# Any thoughts on using attic heat?



## 52Caddy

I keep thinking how warm my attic is during the winter months, or how warm it could be with some work. Now, I understand why we need to ventilate the attic to prevent ice dams, but what about when there is no snow built up on the roof?
I'm thinking if I was to put some sort of fan in the attic space and draw the air into the basement it would provide a substantial source of heat during the winter months. I would think allowing the make up air into the attic at a lower point in the space would negate any humidity issues.
I'm imagining it would take a few dampers and some automation sequencing to stop the fan and ventilate the attic back to a cooler ambient temperature when it was required to prevent ice damming. But luckily I work in the HVAC industry and have a few actuators, relays and control modules at my disposal. I also have a nice dark roof with a southern exposure.
So, what do you guys think? Any issues you could think of that could potentially cause problems? 
Thanks guys


----------



## DexterII

Interesting concept, except for the fact that, ideally, in my opinion, the attic should not be warm. Without some manner of heat, and perhaps discounting the winds of an Alberta Clipper, in which case a wind break is a nice thing to have, the inside of your home would essentially be the same temperature as the outdoors. Correct? So, if we could magically heat just the living space, our attics would still be cold. Correct? But, since there is no such magic, meaning that we cannot simply tell heat to stay in one area of the home, we compensate by attempting to contain the heat, i.e. insulatation. Attics get warm in the winter because of heat loss from the living space. The objective is to insulate a home, in order to lose as little heat as possible; not to lose heat so that you can reclaim it.


----------



## Jackofall1

52Caddy, a good concept and one that I think has merit, if you were to work at it hard enough, it just may work at least on those sunny days.
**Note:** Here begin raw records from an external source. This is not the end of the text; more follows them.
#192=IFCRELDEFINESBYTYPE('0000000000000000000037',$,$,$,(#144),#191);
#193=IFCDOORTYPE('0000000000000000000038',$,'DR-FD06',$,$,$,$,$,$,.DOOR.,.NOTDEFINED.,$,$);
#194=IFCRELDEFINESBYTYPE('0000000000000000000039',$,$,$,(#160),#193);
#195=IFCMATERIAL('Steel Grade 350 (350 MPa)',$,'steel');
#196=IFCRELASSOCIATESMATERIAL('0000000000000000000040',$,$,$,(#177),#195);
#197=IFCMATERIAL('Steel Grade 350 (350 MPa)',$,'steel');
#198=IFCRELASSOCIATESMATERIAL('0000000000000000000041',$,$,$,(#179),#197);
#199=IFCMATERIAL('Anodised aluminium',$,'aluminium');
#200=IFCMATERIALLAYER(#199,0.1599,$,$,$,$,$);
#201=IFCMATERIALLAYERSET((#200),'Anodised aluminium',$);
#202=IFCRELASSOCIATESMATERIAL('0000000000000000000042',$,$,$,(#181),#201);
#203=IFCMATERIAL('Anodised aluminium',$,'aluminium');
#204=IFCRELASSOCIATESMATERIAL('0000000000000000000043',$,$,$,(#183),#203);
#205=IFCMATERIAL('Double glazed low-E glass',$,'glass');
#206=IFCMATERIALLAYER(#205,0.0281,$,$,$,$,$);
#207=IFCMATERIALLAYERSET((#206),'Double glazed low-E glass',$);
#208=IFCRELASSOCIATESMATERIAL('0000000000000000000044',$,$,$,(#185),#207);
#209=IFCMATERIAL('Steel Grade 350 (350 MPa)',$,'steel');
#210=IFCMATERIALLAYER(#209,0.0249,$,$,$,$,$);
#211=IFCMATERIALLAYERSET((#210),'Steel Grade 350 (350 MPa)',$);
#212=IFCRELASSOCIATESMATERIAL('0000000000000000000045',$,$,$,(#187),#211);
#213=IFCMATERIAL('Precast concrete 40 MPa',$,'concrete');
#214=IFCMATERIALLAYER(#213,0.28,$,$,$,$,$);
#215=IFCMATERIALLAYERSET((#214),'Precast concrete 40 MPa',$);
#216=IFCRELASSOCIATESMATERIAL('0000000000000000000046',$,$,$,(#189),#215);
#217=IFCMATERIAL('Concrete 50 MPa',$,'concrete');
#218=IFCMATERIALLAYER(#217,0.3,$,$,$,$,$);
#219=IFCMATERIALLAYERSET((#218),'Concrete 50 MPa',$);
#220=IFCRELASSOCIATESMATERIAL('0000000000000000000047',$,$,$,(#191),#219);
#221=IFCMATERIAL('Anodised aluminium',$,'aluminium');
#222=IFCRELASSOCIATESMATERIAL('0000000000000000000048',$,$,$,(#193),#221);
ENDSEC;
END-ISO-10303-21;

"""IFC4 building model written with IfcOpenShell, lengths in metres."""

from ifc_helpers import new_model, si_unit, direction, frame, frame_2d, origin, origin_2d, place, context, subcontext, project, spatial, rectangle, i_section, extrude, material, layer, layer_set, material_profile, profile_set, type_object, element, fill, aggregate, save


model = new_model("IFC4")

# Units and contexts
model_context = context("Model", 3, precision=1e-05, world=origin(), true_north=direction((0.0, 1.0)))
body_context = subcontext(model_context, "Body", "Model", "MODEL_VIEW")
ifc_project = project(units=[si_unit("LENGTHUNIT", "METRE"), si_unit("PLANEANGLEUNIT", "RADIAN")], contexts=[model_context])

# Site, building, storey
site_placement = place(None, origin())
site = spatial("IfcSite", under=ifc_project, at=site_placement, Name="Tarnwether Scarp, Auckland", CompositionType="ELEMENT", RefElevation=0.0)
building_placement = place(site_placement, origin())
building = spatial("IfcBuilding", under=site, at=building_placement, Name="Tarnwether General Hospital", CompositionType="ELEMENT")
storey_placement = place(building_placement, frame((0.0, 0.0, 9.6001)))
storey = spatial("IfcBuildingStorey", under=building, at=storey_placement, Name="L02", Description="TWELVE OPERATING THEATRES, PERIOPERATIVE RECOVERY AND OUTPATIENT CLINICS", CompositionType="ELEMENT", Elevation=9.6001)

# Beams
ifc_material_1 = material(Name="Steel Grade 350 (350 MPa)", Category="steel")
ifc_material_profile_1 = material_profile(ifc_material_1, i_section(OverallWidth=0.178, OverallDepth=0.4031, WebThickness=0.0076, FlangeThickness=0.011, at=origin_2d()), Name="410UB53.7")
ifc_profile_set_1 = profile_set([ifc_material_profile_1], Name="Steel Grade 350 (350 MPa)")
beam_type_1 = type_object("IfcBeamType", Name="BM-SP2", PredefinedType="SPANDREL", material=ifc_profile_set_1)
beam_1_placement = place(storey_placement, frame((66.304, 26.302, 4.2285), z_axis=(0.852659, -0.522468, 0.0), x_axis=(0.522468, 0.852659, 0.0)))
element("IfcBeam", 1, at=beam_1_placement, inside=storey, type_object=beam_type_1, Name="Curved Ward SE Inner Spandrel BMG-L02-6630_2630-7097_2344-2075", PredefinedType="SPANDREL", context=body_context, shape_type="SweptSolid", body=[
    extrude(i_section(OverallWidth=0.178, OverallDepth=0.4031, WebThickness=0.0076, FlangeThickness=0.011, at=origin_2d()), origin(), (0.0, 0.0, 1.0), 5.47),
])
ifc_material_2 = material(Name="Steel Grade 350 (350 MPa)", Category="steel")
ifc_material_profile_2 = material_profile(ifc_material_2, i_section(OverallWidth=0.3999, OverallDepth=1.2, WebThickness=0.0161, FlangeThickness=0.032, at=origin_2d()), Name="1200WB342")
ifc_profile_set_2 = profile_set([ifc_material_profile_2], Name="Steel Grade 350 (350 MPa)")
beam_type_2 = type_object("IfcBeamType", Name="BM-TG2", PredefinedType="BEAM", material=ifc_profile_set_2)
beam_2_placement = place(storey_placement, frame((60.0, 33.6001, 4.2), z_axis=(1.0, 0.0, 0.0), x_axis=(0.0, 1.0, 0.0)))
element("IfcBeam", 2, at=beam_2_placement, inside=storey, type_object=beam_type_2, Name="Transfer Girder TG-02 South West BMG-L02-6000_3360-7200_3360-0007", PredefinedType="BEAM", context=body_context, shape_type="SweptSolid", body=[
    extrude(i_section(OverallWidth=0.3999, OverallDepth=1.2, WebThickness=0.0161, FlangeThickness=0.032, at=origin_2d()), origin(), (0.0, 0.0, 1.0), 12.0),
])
I would be concerned with recirculation part of your idea, as the air leaving the conditioned space as far to much humidity (or should have) and undoubtedly would cause issues in an unconditioned space.

Unless of course you insulation the attic, except for an area say 6" wide the width of the southern expose roof.
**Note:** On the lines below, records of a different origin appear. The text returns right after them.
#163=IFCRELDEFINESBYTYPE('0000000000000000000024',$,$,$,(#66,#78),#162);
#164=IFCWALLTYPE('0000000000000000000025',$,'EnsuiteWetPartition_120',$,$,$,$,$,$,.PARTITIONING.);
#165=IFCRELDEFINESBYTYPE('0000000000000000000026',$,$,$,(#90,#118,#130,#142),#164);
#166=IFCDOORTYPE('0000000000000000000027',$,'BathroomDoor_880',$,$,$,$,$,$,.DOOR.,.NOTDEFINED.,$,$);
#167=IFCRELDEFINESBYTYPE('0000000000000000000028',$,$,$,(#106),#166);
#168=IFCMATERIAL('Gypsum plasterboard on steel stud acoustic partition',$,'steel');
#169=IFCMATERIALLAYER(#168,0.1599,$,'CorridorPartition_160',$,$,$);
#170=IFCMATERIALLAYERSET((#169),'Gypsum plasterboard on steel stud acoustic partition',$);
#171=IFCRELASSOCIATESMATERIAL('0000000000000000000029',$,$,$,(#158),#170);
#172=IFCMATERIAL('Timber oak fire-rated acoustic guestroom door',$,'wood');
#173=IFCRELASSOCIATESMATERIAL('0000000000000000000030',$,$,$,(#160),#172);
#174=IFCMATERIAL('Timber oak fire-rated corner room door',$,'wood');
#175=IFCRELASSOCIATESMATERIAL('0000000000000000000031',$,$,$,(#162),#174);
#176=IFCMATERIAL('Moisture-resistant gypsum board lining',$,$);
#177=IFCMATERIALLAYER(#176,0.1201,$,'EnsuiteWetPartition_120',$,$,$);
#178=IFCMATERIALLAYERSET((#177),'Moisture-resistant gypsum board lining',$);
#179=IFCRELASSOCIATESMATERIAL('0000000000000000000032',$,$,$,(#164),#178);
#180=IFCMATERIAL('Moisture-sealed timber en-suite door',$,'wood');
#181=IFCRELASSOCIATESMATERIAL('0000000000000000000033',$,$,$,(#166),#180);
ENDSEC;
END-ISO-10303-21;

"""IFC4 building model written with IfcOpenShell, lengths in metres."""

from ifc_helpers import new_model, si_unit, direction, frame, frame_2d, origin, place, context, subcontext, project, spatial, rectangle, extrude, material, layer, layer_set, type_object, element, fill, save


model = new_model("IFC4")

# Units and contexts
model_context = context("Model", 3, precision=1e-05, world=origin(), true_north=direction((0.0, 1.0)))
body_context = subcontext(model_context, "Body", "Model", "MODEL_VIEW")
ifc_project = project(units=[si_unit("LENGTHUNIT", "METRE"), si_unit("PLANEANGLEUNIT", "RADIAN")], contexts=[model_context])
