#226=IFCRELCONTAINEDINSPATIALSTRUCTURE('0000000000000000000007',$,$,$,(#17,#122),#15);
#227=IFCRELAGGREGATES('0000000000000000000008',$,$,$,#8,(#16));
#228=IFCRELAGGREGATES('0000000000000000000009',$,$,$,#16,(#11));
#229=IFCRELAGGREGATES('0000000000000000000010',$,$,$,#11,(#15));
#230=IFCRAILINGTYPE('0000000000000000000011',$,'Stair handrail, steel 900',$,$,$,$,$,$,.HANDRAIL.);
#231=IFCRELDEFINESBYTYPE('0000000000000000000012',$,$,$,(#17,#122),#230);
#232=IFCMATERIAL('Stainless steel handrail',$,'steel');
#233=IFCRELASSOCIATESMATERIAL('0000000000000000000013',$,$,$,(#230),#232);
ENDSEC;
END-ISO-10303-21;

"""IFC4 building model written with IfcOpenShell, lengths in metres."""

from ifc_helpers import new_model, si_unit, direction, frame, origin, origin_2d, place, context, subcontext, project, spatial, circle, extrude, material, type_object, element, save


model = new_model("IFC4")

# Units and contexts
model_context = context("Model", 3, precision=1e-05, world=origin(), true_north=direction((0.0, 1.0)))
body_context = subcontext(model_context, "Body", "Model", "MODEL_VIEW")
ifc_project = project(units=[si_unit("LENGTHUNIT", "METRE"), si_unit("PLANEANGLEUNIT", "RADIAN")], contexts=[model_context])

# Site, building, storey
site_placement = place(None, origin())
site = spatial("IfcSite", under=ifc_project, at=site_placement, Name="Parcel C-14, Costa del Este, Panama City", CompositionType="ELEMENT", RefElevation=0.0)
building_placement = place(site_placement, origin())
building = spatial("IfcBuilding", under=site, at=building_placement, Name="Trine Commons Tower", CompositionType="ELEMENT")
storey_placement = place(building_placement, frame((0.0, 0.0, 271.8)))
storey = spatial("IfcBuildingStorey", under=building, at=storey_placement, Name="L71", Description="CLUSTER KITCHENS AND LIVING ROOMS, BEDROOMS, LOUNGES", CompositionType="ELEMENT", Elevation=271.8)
But isn't this what solar energy is already?

I once saw a show where the owner of a house took his southern exposed wall, added a second glass wall creating a space inbetween, painted the inner wall black and then circulated air through the space into the basement. In the basement he had placed many 50 gal drums of rocks, this held the heat generated, then at night the heat captured by the rocks was then released and circulated throughout the house.
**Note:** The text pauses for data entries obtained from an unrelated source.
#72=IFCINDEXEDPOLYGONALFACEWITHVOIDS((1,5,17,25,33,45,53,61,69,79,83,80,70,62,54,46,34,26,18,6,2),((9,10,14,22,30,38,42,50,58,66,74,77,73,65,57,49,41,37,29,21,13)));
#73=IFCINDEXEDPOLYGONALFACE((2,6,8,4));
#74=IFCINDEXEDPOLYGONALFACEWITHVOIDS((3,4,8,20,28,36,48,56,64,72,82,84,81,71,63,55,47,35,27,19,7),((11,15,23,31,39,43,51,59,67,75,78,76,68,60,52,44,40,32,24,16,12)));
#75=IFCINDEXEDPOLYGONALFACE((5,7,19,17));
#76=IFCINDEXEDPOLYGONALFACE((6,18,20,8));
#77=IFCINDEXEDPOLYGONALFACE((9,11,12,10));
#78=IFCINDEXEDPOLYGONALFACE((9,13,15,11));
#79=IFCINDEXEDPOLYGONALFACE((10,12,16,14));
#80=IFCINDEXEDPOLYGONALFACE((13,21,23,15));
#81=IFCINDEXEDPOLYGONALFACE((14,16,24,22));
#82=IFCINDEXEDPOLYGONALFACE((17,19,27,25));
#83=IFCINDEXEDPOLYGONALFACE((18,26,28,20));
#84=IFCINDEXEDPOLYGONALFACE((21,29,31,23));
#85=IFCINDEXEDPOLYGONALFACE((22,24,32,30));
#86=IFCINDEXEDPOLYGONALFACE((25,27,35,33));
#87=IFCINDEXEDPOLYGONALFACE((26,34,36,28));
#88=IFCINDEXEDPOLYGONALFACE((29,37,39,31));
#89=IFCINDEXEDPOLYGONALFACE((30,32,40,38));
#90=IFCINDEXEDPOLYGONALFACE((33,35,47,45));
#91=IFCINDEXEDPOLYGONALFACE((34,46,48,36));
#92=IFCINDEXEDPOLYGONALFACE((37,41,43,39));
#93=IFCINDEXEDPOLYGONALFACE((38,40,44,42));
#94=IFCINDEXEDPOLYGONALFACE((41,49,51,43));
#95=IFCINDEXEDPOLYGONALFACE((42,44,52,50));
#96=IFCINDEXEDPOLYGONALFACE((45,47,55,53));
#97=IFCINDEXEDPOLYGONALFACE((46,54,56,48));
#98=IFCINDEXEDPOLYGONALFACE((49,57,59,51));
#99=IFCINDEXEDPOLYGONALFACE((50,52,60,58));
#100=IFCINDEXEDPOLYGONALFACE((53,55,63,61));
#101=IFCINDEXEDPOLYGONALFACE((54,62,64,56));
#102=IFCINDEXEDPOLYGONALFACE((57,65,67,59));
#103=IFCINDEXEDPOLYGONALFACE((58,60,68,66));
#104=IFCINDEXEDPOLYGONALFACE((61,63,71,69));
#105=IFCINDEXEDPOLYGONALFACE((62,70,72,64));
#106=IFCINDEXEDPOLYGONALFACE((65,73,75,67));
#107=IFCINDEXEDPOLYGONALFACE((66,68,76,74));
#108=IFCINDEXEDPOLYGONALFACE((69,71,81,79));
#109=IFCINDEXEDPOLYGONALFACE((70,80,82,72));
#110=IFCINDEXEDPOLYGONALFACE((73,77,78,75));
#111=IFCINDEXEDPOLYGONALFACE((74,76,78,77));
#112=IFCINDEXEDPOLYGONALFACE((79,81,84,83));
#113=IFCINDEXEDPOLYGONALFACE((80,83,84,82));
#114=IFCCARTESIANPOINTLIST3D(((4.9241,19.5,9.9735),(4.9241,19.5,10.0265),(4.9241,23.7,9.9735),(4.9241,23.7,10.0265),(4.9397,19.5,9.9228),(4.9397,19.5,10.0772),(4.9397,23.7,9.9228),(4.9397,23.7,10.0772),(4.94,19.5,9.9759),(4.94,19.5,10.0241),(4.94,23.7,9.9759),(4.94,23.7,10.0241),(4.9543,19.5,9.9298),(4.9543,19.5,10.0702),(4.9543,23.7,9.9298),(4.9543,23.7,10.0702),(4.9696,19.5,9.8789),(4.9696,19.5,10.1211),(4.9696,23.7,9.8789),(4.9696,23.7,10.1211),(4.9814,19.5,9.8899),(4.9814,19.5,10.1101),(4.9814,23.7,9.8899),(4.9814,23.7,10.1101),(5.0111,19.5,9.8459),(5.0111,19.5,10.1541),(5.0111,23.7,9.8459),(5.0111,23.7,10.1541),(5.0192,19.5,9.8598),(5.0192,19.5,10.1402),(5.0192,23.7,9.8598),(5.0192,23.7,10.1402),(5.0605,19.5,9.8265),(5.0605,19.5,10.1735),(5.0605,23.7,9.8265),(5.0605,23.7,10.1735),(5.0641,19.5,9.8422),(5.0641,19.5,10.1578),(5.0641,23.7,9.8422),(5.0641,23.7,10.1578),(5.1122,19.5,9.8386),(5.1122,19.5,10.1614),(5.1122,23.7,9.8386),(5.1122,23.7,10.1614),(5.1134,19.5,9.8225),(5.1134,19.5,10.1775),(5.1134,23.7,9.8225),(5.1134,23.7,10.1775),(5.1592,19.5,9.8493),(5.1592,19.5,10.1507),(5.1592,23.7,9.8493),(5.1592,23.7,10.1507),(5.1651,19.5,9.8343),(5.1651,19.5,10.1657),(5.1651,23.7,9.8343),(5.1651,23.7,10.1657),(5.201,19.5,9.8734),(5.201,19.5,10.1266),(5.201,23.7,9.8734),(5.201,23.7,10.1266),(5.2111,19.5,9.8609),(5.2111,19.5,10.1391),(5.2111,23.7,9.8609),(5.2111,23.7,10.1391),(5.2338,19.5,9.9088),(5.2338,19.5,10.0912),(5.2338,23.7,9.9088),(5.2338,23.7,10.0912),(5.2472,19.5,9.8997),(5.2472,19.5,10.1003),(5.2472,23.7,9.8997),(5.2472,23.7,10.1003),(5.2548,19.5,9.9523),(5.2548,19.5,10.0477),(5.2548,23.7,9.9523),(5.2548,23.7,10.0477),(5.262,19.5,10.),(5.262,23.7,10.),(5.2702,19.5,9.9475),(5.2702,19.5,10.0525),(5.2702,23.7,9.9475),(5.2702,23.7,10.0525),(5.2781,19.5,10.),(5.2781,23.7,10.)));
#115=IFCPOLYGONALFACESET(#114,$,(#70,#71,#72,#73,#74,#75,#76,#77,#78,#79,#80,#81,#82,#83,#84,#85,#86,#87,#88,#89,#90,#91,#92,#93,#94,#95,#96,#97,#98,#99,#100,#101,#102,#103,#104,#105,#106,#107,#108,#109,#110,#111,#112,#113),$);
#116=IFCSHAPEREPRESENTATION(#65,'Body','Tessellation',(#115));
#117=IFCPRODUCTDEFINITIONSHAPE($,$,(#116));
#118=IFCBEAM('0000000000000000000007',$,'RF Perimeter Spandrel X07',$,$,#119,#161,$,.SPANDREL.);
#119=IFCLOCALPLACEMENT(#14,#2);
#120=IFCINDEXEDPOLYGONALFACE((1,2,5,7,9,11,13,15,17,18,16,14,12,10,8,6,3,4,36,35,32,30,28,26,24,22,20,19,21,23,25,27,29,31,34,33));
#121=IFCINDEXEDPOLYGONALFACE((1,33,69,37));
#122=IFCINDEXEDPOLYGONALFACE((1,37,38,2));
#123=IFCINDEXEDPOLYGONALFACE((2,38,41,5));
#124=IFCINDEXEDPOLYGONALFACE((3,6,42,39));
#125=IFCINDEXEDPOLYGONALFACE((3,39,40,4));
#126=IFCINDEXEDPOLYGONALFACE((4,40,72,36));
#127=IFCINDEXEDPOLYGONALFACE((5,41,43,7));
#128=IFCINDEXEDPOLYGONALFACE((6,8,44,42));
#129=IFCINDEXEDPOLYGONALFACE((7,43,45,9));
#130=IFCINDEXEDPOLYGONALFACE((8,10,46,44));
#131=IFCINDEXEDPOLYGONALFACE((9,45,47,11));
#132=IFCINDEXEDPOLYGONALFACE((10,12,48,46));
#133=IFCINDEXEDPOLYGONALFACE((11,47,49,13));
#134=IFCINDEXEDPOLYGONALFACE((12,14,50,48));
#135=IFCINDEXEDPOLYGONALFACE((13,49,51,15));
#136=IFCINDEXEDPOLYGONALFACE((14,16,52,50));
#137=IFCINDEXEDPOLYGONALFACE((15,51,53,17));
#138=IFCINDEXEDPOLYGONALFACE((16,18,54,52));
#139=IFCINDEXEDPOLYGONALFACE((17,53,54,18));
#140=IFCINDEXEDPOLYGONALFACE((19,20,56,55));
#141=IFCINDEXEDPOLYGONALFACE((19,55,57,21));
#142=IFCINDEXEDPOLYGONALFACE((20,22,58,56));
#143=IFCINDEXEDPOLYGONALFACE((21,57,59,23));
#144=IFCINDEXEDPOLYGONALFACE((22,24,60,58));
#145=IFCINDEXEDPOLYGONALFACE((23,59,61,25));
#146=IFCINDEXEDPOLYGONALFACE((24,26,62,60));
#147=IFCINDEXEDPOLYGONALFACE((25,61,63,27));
I guess you could do something similar with your roof concept, not sure if the efficiency would warrant the effort though.

Mark


----------



## 52Caddy

Dexter and Mark, thanks for the replies.
I understand what you're saying, but I think there is the prospect of having a large heat load in my attic if I was to control the amount of ventilation coming into the space. I'm assuming this is only possible on a sunny day with fairly moderate outdoor air temperatures. Remember my roof has a direct southern exposure with fairly dark shingles.
After having my place re-roofed and a horrible installation job of the ridge vent, my attic temperatures during the summer months were running over 130F. So I know there is heat in the attic generated by the sun.

Mark, I haven't thought too much about what to do with the exhaust air, other than running it out of the house from the first or second floor to create some sort of flow through the living spaces, but not back into the attic. I agree humidity could become an issue if it was just recycled back to the attic.
Maybe some sort of air to air heat exchanger that could pull the make up air from the attic when it would be adding heat to the house, and damper it over to outside air to provide cool air on during the summer months when the OAT drops at night?


----------



## JohnHPerkin

*Using attic heat to heat home*

Like you I have wondered if attic heat could be used to heat my home.
I am in the process of finishing a large bonus room in my ohio home. before beginning the project I considered how the roof heat could be used and designed and integrated an automatic system to bring the heat from the space just between the roof and the insulation layer into the room. I am now testing the system using multiple data logging temperature and humidity detectors and am very pleased with the results. 
Now the system is running I checked to see if anyone else had come up with the same idea and found your posting.
Please contact me if you wish to know more.


----------



## user1007

Use to drive around hoods with houses next to some I restored with insulated attics. Not an inch of snow on their rooftops. Mine had a reasonable amount.

Obviously we didn't get so much or ice that it threatened the roof but it sure was a graphic illustration of how much heat escapes through the roof of most houses in the winter. Why not contain it.


----------



## dberladyn

Hi, 

Interesting idea... I had similar thoughts in the past. We too have a warm attic in the winter, but if your attic is anything like ours you wouldn't want to ventilate that air downstairs. Moisture aside, don't you have years of dust, fiberglass (from insulation) among other things floating around in the air up there? I would think you'd need some form of heatexhchanger.. so that you are transferring the heat, but not the actual air.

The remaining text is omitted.